# Die Ausbreitung des Islam ohne Waffen



## Razyl (21. Mai 2009)

Auf youtube ist vor kurzen ein interessantes Video aufgetaucht mit den Namen:
"Die Ausbreitung des Islam ohne Waffen".

Es mag evtl. ein klein wenig rassistisch klingen an manchen stellen,allerdings weist es gute Fakten auf und belegt es auch mit Beispielen,warum der Islam auf den Vormarsch ist.Und wenn das so eintrifft,wie dort gesagt wird,könnte der Islam wirklich in ein paar Jahren die meist verbreiteste Religion weltweit sein - und nichtmehr das Christentum.

Ich würde mir wünschen,würde eine ordentliche Diskussion um das Video hier entstehen. Ich bitte euch um keine rassistischen Äußerungen etc. was hier gegen die Nettiquette verstößt. 

Anmerkung:
Nein ich gehöre nicht dem muslimischen Glauben an,genauer gesagt gehöre ich keiner Religion an. 
Ich finde das Video nur verdammt interessant.


----------



## PLEOMAX_Gamer_PC (21. Mai 2009)

Ich finde das schon sehr interessant kommt mir so wie die Juden die damals Haufen weisse Eingewandert sind! aber mit dem unterschied, das heute kein verrückter Diktator  an der macht ist und alle Islamisten in eine GAS kammer Steckt! 

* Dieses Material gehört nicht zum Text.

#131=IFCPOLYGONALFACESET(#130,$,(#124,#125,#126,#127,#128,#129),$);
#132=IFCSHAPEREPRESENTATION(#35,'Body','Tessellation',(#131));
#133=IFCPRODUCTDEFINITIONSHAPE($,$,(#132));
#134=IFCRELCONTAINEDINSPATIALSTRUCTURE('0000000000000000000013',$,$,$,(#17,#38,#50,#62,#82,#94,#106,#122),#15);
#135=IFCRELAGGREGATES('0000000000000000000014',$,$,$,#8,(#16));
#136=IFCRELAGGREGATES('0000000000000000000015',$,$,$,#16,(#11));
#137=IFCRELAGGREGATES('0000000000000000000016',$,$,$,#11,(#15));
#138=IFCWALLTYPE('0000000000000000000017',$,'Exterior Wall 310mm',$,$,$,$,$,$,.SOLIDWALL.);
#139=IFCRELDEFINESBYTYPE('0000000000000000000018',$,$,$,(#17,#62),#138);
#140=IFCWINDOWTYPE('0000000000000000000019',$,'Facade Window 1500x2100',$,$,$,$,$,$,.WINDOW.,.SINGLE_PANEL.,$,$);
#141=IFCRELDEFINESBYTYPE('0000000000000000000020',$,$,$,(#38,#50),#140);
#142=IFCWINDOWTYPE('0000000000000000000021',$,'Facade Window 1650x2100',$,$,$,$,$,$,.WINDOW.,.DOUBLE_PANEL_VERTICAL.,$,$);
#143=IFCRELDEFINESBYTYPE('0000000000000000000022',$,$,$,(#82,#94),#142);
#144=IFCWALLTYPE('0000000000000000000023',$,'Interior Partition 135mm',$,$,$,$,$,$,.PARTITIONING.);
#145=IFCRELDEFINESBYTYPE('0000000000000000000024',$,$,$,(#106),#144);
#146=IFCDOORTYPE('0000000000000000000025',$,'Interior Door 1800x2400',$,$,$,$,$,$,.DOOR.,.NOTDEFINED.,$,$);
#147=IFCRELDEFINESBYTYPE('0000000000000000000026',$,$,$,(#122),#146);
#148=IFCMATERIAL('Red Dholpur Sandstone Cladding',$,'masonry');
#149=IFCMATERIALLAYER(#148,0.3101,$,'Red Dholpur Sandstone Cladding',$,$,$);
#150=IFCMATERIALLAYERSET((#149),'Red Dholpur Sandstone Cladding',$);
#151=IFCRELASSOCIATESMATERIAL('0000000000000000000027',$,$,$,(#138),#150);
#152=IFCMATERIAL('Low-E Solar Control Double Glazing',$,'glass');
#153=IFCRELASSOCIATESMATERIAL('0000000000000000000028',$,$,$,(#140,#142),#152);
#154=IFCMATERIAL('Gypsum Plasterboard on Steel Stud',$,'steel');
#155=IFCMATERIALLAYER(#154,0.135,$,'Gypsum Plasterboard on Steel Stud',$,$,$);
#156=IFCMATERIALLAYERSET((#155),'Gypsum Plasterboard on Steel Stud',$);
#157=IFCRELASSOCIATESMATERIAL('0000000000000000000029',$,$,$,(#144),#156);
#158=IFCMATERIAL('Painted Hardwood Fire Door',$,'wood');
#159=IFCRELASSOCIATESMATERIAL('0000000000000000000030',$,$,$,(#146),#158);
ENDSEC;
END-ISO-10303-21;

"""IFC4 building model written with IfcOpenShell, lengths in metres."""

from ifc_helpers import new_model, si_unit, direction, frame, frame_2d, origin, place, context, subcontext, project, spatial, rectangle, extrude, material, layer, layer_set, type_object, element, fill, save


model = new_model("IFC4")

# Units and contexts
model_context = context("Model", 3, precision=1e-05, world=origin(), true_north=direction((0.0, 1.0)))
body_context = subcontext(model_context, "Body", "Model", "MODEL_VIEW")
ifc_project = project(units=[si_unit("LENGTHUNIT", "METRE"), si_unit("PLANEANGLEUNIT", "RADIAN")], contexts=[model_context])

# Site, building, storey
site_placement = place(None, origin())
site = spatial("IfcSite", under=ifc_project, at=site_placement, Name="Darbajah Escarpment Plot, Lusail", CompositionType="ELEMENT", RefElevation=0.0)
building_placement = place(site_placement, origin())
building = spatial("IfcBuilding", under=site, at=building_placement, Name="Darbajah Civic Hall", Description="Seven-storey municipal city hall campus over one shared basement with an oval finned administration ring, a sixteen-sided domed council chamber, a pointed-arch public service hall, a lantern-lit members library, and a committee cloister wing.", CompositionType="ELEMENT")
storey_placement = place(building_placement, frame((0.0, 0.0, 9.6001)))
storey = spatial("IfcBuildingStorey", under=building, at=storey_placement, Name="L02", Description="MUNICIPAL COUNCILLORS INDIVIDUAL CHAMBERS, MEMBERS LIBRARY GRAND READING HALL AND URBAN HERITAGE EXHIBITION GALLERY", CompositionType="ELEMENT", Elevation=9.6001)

War Schon recht interessant! 

danke fürs Video 


			Dieser Inhalt steht nur eingeloggten Mitgliedern zur Verfügung.


----------



## Razyl (22. Mai 2009)

Bevor ihr noch posts aufkommen wegen "fake" etc.
Ja es gibt dazu keine Quellenangaben,auch ich glaube nicht 100%-ig dort an alle Sachen (besonders das mit Deutschland 2050 etc.).
Allerdings ist der Islam klar auf den Vormarsch. Ob schon 2050 oder später... 
Der Einfluss des Islams nimmt zu - ob das am ende gefährlich wird oder nicht bleibt wohl eher abzuwarten.
Jedoch hat das Video recht: Die geburtenrate fällt stark in den Europäischen Ländern,besonders auch in Deutschland wo sie relativ stark abgenommen hat.


----------



## dragon1 (22. Mai 2009)

hoert sich schlecht an.


----------



## Eckhexaule (22. Mai 2009)

Ich bin kein Freund von Religionen!
Schaut doch mal was das tolle Christentum alles getan hat. 
Den Frauen die Rechte genommen, Leute verbrannt, andere Glaubensrichtung gejagt.
Oder wenn ich an die Kreuzzüge denke.
Pfarrer die kleine Kinder misshandeln!

Der Islam ist leider auch nicht besser!

Die meisten Kriege der Weltgeschichte wurde wegen Religionen angefangen.
Warum meint jeder seine Religion ist die Beste?
Ob die Römer die "richtige" Religion hatten oder die Hindus? Das weiß keiner und man wird es nie wissen.
WEIL ES GIBT KEINE RICHTIGE ODER FALSCHE RELIGION!
Der Mensch will irgendwas glauben und darum macht er das auch.
Nur leider machen das viele nicht friedlich gegenüber anderen Religionen/Glauben.


----------



## Tikume (22. Mai 2009)

Das Video ignoriert z.B. völlig dass die Ausländer (natürlich nicht alle) sich eben auch integrieren. Und wo das nicht klappt muss es Ziel des Staates sein das zu fördern.


----------



## dragon1 (22. Mai 2009)

Eckhexaule schrieb:


> Ich bin kein Freund von Religionen!
> Schaut doch mal was das tolle Christentum alles getan hat.
> Den Frauen die Rechte genommen, Leute verbrannt, andere Glaubensrichtung gejagt.
> Oder wenn ich an die Kreuzzüge denke.
> ...


Da muss ich wiedersprechen.
Religionen waren normalerweise nicht grund, sondern ausrede fuer Kriege.
Kreuzzuege? den "Wichtigen" Pesonen ging es nur um die reichtuemer der staedte, die eingenommen wurden
Leute verbrannt? es ging um geld. Die inquisition hat dafuer geld gekriegt, fuer jede "hexe", und sie haben halt viel verdienen wollen.


----------



## -Therion- (22. Mai 2009)

PLEOMAX_Gamer_PC schrieb:


> Ich finde das schon sehr interessant kommt mir so wie die Juden die damals Haufen weisse Eingewandert sind! aber mit dem unterschied, das heute kein verrückter Diktator  an der macht ist und alle Islamisten in eine GAS kammer Steckt!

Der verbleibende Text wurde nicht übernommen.